Italy is trying to compete among Africa’s former colonial countries as well as with the US, China, and India for new markets and resources on the continent, especially in the Horn of Africa, where Somalia is located. It now wants to revive its influence in Somalia, Abduwali Garad, a PhD candidate and teaching associate at the UK’s University of Birmingham, told Anadolu Agency.

He said as part of these efforts, Italy approached the Somali National University and offered some scholarships and attempted to influence learning and the teaching curriculum. It is also trying to take over the administration of Demartini Hospital in Mogadishu, which was built and controlled by the Italians during the colonial era.

“It is also worth mentioning that the Italians are dealing with some Somali politicians to make it easier to revive their influence and agendas by bribing them, especially during parliamentary elections,” Garad claimed.

Salah Sheik Osman, Somalia’s former minister of public works and reconstruction and current chairman of the Justice and Unity party (TIIR), said it makes no sense to allow the national radio to air an Italian-language program given what Italy did during its “brutal” colonial era in Somalia.

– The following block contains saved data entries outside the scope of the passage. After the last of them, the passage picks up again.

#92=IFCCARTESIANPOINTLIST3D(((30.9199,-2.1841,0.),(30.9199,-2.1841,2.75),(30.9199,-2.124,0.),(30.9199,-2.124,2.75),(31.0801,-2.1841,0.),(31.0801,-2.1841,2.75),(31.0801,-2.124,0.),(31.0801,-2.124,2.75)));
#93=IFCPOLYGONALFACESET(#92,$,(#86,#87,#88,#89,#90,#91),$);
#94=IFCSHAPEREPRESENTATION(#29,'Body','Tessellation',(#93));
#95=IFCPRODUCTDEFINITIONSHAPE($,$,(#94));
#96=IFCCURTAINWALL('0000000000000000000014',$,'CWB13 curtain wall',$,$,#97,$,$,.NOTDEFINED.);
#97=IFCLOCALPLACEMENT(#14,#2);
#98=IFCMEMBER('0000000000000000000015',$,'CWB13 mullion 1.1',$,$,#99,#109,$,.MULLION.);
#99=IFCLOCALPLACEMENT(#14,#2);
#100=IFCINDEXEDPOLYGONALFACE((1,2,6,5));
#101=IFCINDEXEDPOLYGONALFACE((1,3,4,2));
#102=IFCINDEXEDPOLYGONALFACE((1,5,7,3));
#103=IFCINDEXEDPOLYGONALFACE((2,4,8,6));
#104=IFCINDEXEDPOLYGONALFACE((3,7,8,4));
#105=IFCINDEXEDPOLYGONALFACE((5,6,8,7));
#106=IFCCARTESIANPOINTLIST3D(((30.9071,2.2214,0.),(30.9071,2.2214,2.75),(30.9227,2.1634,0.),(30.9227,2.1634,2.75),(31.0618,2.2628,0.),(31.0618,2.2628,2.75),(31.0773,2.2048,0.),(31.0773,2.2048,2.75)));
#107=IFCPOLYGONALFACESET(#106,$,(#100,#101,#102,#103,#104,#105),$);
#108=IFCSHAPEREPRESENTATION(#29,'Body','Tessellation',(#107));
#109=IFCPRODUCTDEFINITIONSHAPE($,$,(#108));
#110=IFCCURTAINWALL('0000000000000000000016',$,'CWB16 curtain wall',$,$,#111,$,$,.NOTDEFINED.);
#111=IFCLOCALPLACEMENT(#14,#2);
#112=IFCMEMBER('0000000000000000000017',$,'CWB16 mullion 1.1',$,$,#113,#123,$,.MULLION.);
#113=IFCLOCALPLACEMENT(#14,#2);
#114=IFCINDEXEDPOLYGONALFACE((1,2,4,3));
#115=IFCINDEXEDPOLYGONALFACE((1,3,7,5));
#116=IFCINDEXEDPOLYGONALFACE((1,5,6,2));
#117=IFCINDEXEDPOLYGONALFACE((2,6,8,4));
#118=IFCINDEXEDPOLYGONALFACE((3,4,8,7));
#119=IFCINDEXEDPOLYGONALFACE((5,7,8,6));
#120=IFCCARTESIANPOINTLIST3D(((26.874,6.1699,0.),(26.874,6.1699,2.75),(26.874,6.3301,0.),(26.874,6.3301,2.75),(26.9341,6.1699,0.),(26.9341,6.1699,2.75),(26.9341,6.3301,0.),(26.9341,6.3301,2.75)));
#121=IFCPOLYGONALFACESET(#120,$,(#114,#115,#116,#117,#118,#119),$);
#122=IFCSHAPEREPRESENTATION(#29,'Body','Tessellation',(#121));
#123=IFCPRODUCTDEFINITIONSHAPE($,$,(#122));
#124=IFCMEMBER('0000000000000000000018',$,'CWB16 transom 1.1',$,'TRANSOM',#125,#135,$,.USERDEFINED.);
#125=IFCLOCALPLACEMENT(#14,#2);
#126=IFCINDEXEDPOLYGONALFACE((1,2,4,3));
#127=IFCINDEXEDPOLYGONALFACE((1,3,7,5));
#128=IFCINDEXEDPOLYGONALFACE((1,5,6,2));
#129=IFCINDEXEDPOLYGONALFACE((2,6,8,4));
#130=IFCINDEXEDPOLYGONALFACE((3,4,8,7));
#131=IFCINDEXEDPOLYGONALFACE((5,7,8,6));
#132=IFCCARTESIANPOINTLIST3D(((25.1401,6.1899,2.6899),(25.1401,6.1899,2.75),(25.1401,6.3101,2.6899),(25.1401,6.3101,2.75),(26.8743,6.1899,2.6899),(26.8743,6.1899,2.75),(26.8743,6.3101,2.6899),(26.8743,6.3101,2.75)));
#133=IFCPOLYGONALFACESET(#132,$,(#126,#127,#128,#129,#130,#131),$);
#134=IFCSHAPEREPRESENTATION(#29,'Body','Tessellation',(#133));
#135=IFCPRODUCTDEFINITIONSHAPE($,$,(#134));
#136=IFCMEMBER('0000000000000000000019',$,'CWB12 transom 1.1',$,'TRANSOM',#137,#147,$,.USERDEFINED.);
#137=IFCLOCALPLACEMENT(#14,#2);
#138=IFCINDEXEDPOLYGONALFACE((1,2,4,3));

READ: Political unrest deepens in Somalia

He said only people over 60 or 65 in the country may understand Italian and questioned why Somalis need the Italian language, whose use has been declining for over 30 years.

“Over 75 per cent of our population is young and they don’t understand Italian and don’t want the Italian colonial language to come back,” Osman said.

After Italy forcefully took over and brutally colonised the country, the first thing it did was to dismantle Somalia’s traditional governance system, he said. It also destroyed Somalia’s thriving economy and Somali kingdoms and city-states among the Geledi Empire, which was based in the Lower Shabelle region.

“It destroyed Somalia’s culturally rich system and dismantled our kingdoms and then started to brutalise and colonise the general population,” he said.

Osman said Italy was responsible for killing thousands of Somalis during the colonial era.

“Thousands of people who were forced to work for the Italians died from disease, hard labour, a lack of food and medicine, and beatings, for instance, in the village of Kali Asayle, where thousands died while digging a water channel in Lower Shabelle,” he said.

He noted that during the Geledi Kingdom’s resistance against the Italians in the late 19th and early 20th century, the Ottomans – predecessor of the modern Turkish Republic – helped by providing weapons.